Beyond the standard network transaction fee, the XRP Ledger supports an optional transfer fee that token issuers can apply to their issued tokens. This is separate from the XRP network fee and is configured per token by its issuer.
What Is a Transfer Fee?
A transfer fee is a percentage-based charge applied when users transfer an issuer's tokens among themselves. The sender is debited an extra amount based on the transfer fee rate, while the recipient receives the intended amount. The difference — the transfer fee — is burned for standard tokens, reducing the issuer's outstanding obligations.
How Transfer Fees Work
For example, if ACME Bank issues a EUR stablecoin with a 1% transfer fee and Alice wants Charlie to receive 2 EUR.ACME, Alice must send 2.02 EUR.ACME. After the transaction, ACME's outstanding liabilities decrease by 0.02 EUR, reducing the amount it needs to hold in its off-ledger reserve.

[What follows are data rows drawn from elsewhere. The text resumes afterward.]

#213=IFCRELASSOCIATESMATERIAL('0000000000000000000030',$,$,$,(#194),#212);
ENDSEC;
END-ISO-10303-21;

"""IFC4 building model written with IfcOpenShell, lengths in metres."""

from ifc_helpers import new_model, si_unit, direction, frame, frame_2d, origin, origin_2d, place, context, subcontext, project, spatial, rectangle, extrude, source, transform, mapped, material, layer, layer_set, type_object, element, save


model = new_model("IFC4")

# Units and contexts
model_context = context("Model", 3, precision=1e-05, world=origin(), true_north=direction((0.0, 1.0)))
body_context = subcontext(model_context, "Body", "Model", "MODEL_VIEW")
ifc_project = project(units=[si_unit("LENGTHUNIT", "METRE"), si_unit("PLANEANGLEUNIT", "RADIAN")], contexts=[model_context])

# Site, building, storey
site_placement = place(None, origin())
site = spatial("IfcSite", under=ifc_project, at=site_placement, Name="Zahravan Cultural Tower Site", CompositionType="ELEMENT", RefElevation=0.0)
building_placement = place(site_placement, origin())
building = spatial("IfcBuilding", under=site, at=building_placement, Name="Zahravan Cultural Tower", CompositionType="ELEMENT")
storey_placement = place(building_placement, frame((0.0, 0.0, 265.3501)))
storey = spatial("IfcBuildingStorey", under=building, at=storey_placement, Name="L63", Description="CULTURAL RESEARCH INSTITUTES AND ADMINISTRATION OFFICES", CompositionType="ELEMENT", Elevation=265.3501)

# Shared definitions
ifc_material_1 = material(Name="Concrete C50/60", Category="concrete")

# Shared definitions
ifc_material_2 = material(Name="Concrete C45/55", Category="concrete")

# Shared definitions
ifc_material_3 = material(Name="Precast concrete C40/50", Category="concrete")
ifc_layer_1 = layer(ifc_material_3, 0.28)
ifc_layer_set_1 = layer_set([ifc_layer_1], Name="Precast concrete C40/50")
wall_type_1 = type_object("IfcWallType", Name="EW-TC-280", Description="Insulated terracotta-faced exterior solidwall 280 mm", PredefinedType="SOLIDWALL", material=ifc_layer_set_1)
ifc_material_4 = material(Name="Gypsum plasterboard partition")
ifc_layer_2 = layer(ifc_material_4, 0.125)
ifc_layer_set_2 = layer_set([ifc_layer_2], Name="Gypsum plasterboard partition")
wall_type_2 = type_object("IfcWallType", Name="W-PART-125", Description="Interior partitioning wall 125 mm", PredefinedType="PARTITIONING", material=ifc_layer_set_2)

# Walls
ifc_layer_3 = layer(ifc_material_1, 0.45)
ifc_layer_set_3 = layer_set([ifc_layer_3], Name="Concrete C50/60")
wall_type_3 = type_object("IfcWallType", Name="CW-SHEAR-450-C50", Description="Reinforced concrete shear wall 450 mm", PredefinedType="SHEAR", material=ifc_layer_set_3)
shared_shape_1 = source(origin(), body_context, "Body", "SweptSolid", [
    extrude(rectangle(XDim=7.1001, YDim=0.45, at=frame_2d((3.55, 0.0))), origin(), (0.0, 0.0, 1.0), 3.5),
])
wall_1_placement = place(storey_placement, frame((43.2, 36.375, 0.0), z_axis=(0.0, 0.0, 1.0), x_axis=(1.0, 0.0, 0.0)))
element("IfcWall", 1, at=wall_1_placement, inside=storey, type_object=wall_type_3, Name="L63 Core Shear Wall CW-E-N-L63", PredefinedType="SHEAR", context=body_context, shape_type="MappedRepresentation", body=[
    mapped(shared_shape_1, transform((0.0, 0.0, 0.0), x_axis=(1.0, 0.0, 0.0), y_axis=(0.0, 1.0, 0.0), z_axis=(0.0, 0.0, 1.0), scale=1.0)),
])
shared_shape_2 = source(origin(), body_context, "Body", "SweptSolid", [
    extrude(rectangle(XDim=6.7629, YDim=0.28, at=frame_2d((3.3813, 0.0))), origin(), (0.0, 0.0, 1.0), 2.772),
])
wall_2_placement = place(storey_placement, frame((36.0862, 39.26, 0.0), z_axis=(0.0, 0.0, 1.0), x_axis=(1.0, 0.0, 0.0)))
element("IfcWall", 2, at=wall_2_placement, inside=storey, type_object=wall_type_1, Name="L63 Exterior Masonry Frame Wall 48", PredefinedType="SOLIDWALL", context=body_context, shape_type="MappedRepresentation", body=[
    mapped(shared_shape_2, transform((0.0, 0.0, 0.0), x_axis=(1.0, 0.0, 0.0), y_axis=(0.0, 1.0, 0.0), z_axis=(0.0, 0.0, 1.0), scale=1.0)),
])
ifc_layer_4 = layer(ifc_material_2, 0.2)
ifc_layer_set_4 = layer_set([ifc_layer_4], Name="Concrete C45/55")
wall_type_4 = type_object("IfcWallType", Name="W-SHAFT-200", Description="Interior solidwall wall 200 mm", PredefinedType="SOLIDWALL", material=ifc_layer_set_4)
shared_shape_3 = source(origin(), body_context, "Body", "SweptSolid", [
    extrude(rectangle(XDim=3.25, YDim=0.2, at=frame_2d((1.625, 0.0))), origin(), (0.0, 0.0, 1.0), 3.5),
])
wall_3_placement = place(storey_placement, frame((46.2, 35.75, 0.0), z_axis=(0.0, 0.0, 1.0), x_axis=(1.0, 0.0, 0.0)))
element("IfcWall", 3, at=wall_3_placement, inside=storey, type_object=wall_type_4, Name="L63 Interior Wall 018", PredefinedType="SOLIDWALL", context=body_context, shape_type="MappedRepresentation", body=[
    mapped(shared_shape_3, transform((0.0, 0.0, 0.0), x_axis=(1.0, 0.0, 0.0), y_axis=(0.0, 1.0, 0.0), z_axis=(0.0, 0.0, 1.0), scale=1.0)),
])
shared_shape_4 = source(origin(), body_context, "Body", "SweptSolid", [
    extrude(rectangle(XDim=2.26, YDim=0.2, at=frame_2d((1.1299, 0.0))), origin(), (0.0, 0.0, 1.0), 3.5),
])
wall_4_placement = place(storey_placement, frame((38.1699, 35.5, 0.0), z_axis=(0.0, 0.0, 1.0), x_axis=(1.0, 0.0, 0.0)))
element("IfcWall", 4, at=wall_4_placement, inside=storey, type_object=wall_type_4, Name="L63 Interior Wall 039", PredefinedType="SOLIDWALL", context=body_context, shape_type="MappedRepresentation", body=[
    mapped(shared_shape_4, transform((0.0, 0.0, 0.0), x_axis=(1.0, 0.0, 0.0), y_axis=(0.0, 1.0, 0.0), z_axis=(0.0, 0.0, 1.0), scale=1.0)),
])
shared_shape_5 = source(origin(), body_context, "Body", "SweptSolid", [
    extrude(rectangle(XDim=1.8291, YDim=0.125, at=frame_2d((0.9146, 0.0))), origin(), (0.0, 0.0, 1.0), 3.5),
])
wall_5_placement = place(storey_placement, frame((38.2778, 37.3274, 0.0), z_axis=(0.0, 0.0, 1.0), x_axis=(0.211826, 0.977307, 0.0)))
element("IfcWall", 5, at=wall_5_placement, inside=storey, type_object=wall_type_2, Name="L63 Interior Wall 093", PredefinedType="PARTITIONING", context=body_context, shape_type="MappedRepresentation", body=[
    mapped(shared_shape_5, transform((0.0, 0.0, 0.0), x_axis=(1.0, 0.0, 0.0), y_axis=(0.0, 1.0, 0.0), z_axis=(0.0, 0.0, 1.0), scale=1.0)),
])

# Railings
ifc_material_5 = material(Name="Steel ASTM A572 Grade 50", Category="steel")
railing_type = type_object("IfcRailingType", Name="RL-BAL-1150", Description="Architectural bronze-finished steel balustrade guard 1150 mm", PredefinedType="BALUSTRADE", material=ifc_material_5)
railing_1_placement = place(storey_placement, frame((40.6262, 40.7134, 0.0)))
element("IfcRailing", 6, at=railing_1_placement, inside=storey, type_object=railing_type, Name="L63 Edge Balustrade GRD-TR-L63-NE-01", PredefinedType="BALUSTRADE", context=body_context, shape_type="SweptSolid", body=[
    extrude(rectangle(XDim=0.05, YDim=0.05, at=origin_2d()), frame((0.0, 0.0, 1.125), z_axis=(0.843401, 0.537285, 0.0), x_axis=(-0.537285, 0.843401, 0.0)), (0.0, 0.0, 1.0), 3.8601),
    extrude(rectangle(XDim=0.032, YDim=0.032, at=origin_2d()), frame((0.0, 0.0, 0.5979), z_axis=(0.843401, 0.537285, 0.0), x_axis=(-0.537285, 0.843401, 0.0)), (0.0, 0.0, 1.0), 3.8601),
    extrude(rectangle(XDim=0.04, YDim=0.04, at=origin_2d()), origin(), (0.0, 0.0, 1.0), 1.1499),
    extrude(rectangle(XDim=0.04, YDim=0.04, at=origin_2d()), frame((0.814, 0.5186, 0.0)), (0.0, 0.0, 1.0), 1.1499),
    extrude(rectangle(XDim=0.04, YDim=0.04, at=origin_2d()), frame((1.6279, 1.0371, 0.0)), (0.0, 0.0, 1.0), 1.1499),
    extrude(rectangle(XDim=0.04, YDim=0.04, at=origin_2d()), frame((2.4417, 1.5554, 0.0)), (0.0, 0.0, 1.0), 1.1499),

Transfer fees apply whenever tokens move between non-issuer accounts. Sending directly to or from the issuing account is exempt from the transfer fee.
Setting the Transfer Fee
Token issuers configure the transfer fee using an AccountSet transaction, specifying a TransferRate value. The rate must fall between 0% and 100%, measured in increments of 0.0000001%. If the TransferRate is omitted, no transfer fee applies. The fix1201 amendment (enabled November 2017) capped the maximum transfer fee at 100%.
Transfer Fees for NFTs
Non-fungible tokens on XRPL also support transfer fees, but the mechanics differ from fungible tokens. NFT transfer fees are collected as a royalty on secondary market sales rather than as a percentage of the token quantity transferred. Sellers and buyers should review NFT metadata for transfer fee information before transacting.
Difference From Network Fees
It is important to distinguish between XRPL's network transaction fee (10 drops, burned automatically) and issuer-set transfer fees (optional, configured per token). Every transaction on XRPL pays the network fee regardless of whether a transfer fee also applies. These two fees serve different purposes and are charged independently.
Appropriate Use Cases
Transfer fees are most appropriate for tokens backed by real-world assets, where the fee offsets the issuer's operational costs for managing reserves and compliance. They are generally not appropriate for tokens without off-ledger backing, as the burned tokens reduce supply without any corresponding reserve reduction.